Yeah, I think you might have a problem.  I hope you have/had a nice bike ride. :beer:


----------



## BeanoNYC (Sep 17, 2006)

I took a nap on the couch today.  I had left my laptop open.  Sure enough I woke up to "Sac Alert, Sac Alert."  Tis a shame I didn't need women's hiking shoes.


----------



## andyzee (Sep 17, 2006)

bvibert, great bike ride in the wilds of Jersey, at times I'm just amazed at how people can goof on jersey for being a dump and I go out and experience some of the really great areas here. Damn, today we made a quick stop on the side of the road and someone stopped and asked if we're ok! Post pics later in the bike forum. 

beanonyc,  my wife gets a kick out of the "SAC Alert" but thinks the tone could be more exciting. Me, I like it just the way it is, kind of comical.


----------



## BeanoNYC (Sep 17, 2006)

andyzee said:


> beanonyc,  my wife gets a kick out of the "SAC Alert" but thinks the tone could be more exciting. Me, I like it just the way it is, kind of comical.




I like the monotone, dry delivery.  My kind of humor.  Is that Brian?


----------



## andyzee (Sep 17, 2006)

BeanoNYC said:


> I like the monotone, dry delivery. My kind of humor. Is that Brian?


 

Yeah, I like it as well and yes that Boring Brian


----------



## bvibert (Sep 17, 2006)

andyzee said:


> Yeah, I like it as well and yes that Boring Brian



I purposely made it monotone and un-excited.  I thought that would be much more funnier...  That and I _am_ pretty boring...


----------



## andyzee (Sep 17, 2006)

bvibert said:


> I purposely made it monotone and un-excited. I thought that would be much more funnier... That and I _am_ pretty boring...


 
Just kidding about the boring part, as I mentioned, I really like the recording!


----------



## Birdman829 (Sep 17, 2006)

These damn hiking boots are going to take forever to go.


----------



## bvibert (Sep 18, 2006)

Birdman829 said:


> These damn hiking boots are going to take forever to go.
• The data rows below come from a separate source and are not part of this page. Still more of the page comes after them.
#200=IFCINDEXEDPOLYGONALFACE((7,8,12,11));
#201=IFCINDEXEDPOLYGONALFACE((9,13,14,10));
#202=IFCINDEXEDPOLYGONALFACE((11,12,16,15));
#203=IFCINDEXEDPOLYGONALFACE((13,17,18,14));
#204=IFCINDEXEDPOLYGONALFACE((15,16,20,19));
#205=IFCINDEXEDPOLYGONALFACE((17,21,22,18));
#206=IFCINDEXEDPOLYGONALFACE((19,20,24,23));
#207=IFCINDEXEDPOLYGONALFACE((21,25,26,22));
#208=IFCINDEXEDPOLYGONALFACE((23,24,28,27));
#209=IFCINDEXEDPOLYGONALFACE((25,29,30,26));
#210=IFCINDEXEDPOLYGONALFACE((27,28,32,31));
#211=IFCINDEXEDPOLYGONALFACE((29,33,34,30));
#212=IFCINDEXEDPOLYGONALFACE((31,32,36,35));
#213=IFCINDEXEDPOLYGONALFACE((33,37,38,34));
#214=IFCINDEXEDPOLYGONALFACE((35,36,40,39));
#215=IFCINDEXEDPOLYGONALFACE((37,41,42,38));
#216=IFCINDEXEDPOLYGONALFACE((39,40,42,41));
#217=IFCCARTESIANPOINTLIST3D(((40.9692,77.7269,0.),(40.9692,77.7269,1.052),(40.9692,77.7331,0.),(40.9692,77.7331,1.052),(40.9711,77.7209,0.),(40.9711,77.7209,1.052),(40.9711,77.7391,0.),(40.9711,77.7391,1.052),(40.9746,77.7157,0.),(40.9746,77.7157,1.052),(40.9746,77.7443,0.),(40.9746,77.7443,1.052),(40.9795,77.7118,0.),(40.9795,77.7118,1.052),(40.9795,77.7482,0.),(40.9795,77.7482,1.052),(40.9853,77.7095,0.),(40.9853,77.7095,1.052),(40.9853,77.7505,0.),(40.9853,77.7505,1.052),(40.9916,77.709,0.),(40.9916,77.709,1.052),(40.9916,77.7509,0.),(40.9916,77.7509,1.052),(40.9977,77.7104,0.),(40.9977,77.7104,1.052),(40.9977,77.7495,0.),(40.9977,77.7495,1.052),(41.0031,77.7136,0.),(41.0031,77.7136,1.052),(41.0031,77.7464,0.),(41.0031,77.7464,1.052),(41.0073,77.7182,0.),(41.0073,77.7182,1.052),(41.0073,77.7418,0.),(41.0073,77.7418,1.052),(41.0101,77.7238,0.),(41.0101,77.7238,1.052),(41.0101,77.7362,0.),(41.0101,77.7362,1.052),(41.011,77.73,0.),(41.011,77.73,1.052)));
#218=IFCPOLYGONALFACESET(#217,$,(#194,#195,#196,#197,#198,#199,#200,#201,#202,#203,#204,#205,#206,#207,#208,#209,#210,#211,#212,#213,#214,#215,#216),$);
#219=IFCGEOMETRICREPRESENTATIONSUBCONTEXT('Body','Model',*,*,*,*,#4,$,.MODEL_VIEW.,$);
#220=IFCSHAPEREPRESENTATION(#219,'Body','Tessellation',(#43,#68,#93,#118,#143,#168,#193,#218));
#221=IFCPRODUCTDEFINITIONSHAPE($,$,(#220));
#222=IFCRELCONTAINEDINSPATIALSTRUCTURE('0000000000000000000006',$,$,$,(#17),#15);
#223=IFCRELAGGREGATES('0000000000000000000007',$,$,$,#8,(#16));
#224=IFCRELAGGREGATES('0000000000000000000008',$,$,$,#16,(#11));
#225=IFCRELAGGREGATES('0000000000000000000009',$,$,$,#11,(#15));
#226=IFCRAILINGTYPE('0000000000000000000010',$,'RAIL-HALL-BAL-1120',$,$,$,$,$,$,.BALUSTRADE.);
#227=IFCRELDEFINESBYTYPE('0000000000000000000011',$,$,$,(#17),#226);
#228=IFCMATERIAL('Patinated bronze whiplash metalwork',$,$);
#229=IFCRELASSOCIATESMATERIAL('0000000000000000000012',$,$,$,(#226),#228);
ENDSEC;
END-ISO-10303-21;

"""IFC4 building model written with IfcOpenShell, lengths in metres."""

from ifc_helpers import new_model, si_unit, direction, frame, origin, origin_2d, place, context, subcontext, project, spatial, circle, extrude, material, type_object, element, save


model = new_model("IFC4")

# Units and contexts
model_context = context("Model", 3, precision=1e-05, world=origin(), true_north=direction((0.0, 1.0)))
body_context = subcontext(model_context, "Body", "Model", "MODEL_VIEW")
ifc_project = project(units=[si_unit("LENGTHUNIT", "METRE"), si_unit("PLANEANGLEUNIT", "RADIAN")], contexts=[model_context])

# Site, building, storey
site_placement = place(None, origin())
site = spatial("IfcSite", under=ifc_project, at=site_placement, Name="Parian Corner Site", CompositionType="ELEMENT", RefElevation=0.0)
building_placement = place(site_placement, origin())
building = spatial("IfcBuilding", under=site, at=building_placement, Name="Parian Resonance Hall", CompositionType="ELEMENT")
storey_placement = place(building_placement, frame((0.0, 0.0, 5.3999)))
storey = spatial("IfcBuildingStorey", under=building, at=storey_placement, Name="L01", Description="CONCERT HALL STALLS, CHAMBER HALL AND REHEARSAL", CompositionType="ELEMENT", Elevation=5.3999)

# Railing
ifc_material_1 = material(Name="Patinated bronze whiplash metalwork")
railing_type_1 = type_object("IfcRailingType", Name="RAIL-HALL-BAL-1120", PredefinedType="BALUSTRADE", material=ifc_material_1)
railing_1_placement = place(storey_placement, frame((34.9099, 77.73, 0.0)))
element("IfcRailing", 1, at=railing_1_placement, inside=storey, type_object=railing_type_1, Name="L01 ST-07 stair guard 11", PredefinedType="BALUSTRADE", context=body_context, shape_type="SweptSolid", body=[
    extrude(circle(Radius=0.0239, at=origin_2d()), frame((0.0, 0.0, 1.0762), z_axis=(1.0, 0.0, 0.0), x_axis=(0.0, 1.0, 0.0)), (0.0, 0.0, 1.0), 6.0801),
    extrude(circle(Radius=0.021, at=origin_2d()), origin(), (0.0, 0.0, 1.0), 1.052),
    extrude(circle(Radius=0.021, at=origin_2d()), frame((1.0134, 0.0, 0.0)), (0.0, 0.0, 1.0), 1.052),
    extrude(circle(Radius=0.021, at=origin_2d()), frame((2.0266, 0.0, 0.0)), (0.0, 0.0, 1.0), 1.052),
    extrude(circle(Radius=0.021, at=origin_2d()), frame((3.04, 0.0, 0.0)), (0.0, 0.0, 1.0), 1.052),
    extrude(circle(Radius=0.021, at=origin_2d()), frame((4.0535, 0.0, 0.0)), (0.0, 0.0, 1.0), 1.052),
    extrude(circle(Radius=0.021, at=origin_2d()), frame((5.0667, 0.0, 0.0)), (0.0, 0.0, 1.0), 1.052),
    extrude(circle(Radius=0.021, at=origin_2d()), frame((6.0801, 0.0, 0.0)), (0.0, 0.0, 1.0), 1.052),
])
Luckily they put up a new item at midnight (their time) even if the item didn't sell...


----------



## andyzee (Sep 18, 2006)

bvibert said:


> Luckily they put up a new item at midnight (their time) even if the item didn't sell...


 

Yep, and although there is a lot, sunglasses always go fast. So get yours while they last  !


----------



## bvibert (Sep 18, 2006)

andyzee said:


> Yep, and although there is a lot, sunglasses always go fast. So get yours while they last  !



Wow I hadn't even looked at the price on those until now.  No wonder they're going so fast!  I couldn't see myself wearing those though...


----------



## bvibert (Sep 18, 2006)

Woohoo!!!  I finally got my first audio SAC Alert! 

Too bad I don't need a woman's jacket... :roll:


----------



## highpeaksdrifter (Sep 18, 2006)

bvibert said:


> Woohoo!!!  I finally got my first audio SAC Alert!



I can I get one Bvi?


----------



## bvibert (Sep 18, 2006)

highpeaksdrifter said:


> I can I get one Bvi?



If you go to my SAC Tracker you'll see an option "Play audio alert when item changes" towards the bottom.  If you check that box and click submit you'll hear an audio message when the item changes to a new one.  You'll need to leave the browser window open for it to work.  If you'd like to hear what the alert sounds like you can click on the link that says "Click here to verify that the sound will play." under the aforementioned check box.  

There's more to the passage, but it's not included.